Minor league affiliations
- Class: Class D (1924–1926)
- League: Tri-State League (1925–1926); Kentucky–Illinois–Tennessee League (1924);

Major league affiliations
- Team: Unaffiliated (1924–1926)

Minor league titles
- League titles (0): None

Team data
- Name: Jackson Jays (1926); Jackson Giants (1925); Jackson Blue Jays (1924);
- Ballpark: Athletic Park (1924–1926)

= Jackson Jays =

The Jackson Jays were a Minor League Baseball team that played in Jackson, Tennessee, from 1924 to 1926. They competed in the Class D Kentucky–Illinois–Tennessee League (KITTY League) in 1924 as the Jackson Blue Jays. They moved to the Class D Tri-State League as the Jackson Giants in 1925 and became the Jackson Jays in 1926. Their home games were played at Athletic Park. Over three years of competition, they accumulated a 118–154 (.434) record.

==History==
Professional baseball was first played in Jackson, Tennessee, in 1903 by the Jackson Railroaders of the Kentucky–Illinois–Tennessee League. They were followed in the KITTY League by the Jackson Climbers in 1911.
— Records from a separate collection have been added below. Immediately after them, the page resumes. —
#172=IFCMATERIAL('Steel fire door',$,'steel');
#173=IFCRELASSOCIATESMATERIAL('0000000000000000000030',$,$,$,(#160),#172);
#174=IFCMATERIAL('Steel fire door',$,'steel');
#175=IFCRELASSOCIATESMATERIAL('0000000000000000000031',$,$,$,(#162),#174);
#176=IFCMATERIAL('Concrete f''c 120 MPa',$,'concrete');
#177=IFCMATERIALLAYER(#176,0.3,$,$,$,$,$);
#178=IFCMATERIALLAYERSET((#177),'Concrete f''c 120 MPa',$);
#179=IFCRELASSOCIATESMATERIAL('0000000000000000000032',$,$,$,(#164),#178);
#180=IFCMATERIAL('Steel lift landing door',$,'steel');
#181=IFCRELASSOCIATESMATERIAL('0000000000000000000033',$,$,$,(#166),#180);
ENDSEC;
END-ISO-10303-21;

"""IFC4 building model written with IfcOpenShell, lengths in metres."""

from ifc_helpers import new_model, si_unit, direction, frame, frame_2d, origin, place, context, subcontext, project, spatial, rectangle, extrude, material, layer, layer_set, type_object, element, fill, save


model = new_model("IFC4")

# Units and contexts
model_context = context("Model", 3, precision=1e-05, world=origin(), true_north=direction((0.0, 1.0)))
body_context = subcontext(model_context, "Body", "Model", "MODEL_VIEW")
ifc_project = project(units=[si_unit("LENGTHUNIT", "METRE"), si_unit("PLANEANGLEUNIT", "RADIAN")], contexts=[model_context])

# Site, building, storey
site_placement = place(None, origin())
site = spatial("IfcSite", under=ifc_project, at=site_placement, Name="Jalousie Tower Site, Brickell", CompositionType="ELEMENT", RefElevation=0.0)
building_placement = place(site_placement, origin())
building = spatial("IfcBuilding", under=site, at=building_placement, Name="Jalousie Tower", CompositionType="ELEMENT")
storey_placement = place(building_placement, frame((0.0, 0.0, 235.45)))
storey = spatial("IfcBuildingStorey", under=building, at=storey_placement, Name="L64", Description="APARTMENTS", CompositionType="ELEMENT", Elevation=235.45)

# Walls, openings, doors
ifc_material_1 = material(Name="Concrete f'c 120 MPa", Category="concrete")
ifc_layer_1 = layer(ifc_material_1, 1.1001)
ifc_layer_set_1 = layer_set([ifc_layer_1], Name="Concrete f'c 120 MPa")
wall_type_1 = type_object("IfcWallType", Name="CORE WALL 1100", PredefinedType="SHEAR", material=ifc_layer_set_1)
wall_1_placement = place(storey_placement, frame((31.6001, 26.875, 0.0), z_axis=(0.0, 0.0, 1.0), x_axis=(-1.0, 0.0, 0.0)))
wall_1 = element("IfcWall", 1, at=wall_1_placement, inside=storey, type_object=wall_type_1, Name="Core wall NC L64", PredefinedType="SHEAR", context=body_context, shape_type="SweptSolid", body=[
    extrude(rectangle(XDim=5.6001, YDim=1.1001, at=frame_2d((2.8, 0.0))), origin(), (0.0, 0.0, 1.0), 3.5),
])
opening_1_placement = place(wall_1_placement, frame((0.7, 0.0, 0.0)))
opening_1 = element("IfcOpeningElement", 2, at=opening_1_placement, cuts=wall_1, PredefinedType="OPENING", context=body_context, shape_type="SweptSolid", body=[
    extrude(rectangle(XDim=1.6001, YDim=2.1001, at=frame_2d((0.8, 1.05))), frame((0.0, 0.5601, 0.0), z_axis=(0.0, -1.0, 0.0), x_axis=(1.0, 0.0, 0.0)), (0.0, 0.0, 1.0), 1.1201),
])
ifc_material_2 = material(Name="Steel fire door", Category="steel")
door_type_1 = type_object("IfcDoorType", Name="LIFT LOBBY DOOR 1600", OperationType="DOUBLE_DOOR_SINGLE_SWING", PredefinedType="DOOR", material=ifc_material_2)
The Jackson Blue Jays joined the KITTY League in 1924. They played their first game on May 13, losing to the Dyersburg Forked Deers, 2–0, before a home audience of 2,500 people at Athletic Park. They earned their first win the next afternoon, defeating Dyersburg, 5–4. The Blue Jays compiled a first season record of 51–61 (.455) and did not win either half of the league's split season.

The KITTY League failed to reorganize for the 1925 season, so Jackson joined the Class D Tri-State League. They also changed their name to the Jackson Giants. The Giants posted a season record of 40–63 (.388). The team changed its name to the Jackson Jays in 1926 as they continued in the Tri-State League. The circuit disbanded due to poor attendance after the games of July 5, the scheduled end of the first half. The Jays lost their final game to the Sheffield-Tuscumbia Twins, 7–6 in 14 innings. Their final record was 27–30 (.474). Over all three years of competition, Jackson accumulated a 118–154 (.434) record.

The city did not field another team until the Jackson Generals joined a revival of the KITTY League in 1935.

==Season-by-season results==

| Season | Regular season |  |  |  | Postseason |  |  | Ref. |
| Record | Win % | Finish | GB | Record | Win % | Result |
| 1924 | 51–61 | .455 | 5th | 11 | — | — | — |  |
| 1925 | 40–63 | .388 | 5th | 25+1⁄2 | — | — | — |  |
| 1926 | 27–30 | .474 | 4th | 7+1⁄2 | — | — | — |  |
| Totals | 118–154 | .434 | — | — | — | — | — | — |

==Notable players==

The only Giant to also play in Major League Baseball was Ben Cantwell of the 1925 team, who made his major league debut in 1927 with the New York Giants—the start of an 11-year major league career.